To use the package, first create an empty Python file in your IDE of choice, such as VS Code. Running the code directly in Jupyter notebook is not recommended, as it may cause errors. To start collecting Reddit data, you first need to configure the authentication:

SUPABASE_URL = "<your-supabase-url>" 
SUPABASE_KEY = "<your-supabase-api-key>" #Remember to use "service_role/secret" key, not "anon/public" key 

REDDIT_PUBLIC = "<your-reddit-public-key>"
REDDIT_SECRET = "<your-reddit-secret-key>"
REDDIT_USER_AGENT = "<your-reddit-user-agent>" #format - <institution:project-name (u/reddit-username)>

Then define the database table names to store the data:

DB_CONFIG = {
  "user": "test_redditor",
  "submission": "test_submission", 
  "comment": "test_comment"
}

You can login and create instances of reddit and supabase clients:

import redditharbor.login as login 

reddit_client = login.reddit(public_key=REDDIT_PUBLIC, secret_key=REDDIT_SECRET, user_agent=REDDIT_USER_AGENT)
supabase_client = login.supabase(url=SUPABASE_URL, private_key=SUPABASE_KEY)

Data Collection

After initialising an instance of the collect class, you can call its various functions to collect Reddit data.

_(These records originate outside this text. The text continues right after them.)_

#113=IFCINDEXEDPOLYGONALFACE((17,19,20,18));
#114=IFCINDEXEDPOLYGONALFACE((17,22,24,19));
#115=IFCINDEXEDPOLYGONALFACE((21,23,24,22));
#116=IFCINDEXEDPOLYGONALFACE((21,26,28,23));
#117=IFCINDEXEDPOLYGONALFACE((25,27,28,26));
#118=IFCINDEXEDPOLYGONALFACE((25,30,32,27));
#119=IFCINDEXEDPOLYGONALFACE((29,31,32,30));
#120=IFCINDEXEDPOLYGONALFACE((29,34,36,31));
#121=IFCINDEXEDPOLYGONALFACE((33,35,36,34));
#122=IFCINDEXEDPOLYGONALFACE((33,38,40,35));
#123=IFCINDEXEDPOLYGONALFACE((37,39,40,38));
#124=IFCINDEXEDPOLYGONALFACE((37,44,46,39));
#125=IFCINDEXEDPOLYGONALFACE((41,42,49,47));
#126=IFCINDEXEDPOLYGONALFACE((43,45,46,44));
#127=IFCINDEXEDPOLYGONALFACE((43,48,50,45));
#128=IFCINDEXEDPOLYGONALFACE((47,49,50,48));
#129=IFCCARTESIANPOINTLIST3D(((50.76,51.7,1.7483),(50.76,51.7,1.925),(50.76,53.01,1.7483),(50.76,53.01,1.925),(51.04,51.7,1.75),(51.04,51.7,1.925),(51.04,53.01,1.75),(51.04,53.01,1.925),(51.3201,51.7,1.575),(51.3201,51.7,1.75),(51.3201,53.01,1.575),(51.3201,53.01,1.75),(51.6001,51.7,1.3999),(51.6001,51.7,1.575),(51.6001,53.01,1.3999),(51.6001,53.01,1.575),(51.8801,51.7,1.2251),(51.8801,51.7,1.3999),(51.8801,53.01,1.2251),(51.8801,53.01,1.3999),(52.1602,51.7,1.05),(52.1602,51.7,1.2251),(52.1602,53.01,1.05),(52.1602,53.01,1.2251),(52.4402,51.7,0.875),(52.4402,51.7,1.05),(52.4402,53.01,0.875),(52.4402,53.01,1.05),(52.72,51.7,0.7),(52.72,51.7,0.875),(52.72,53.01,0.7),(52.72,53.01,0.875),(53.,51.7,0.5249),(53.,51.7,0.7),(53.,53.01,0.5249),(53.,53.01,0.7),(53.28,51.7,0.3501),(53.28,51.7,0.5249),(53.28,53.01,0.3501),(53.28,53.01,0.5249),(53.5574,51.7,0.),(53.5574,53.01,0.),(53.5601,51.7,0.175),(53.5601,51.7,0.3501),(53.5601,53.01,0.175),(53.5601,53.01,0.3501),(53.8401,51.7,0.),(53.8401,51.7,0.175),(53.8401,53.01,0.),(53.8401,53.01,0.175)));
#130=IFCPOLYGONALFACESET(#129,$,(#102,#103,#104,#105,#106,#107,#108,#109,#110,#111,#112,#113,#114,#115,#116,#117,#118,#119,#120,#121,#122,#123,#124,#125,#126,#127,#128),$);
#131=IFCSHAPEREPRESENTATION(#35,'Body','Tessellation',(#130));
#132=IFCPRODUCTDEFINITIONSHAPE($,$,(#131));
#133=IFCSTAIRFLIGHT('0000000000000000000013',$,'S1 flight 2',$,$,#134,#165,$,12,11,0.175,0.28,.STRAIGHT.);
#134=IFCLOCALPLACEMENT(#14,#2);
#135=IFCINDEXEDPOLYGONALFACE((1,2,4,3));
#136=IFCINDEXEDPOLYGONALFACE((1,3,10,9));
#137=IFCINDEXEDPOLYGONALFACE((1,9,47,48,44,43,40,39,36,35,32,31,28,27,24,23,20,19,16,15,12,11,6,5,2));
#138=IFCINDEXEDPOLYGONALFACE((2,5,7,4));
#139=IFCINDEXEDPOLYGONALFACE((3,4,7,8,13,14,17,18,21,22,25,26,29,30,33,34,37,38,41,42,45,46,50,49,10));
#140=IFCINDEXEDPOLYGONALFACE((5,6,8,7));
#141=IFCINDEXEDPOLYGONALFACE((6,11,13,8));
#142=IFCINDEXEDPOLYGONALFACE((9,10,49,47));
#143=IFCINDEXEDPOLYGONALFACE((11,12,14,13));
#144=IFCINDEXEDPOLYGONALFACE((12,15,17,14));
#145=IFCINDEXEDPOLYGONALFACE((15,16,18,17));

from redditharbor.dock.pipeline import collect

collect = collect(reddit_client=reddit_client, supabase_client=supabase_client, db_config=DB_CONFIG)

For example, to collect submissions and associated user data from specified subreddits:

subreddits = ["python", "learnpython"]
sort_types = ["hot", "top"] 
collect.subreddit_submission(subreddits, sort_types, limit=5)

This will collect the 5 hottest and 5 top submissions from r/python and r/learnpython, along with the associated user data, and store them in the configured database tables. If you would like to anonymise any pii data, set mask_pii as True.

collect.subreddit_submission(subreddits, sort_types, limit=5, mask_pii=True)

For further use cases - ranging from collecting subreddit-based data, collecting keyword-based data and database-driven data collection, to downloading data and updating data - please refer to our documentation.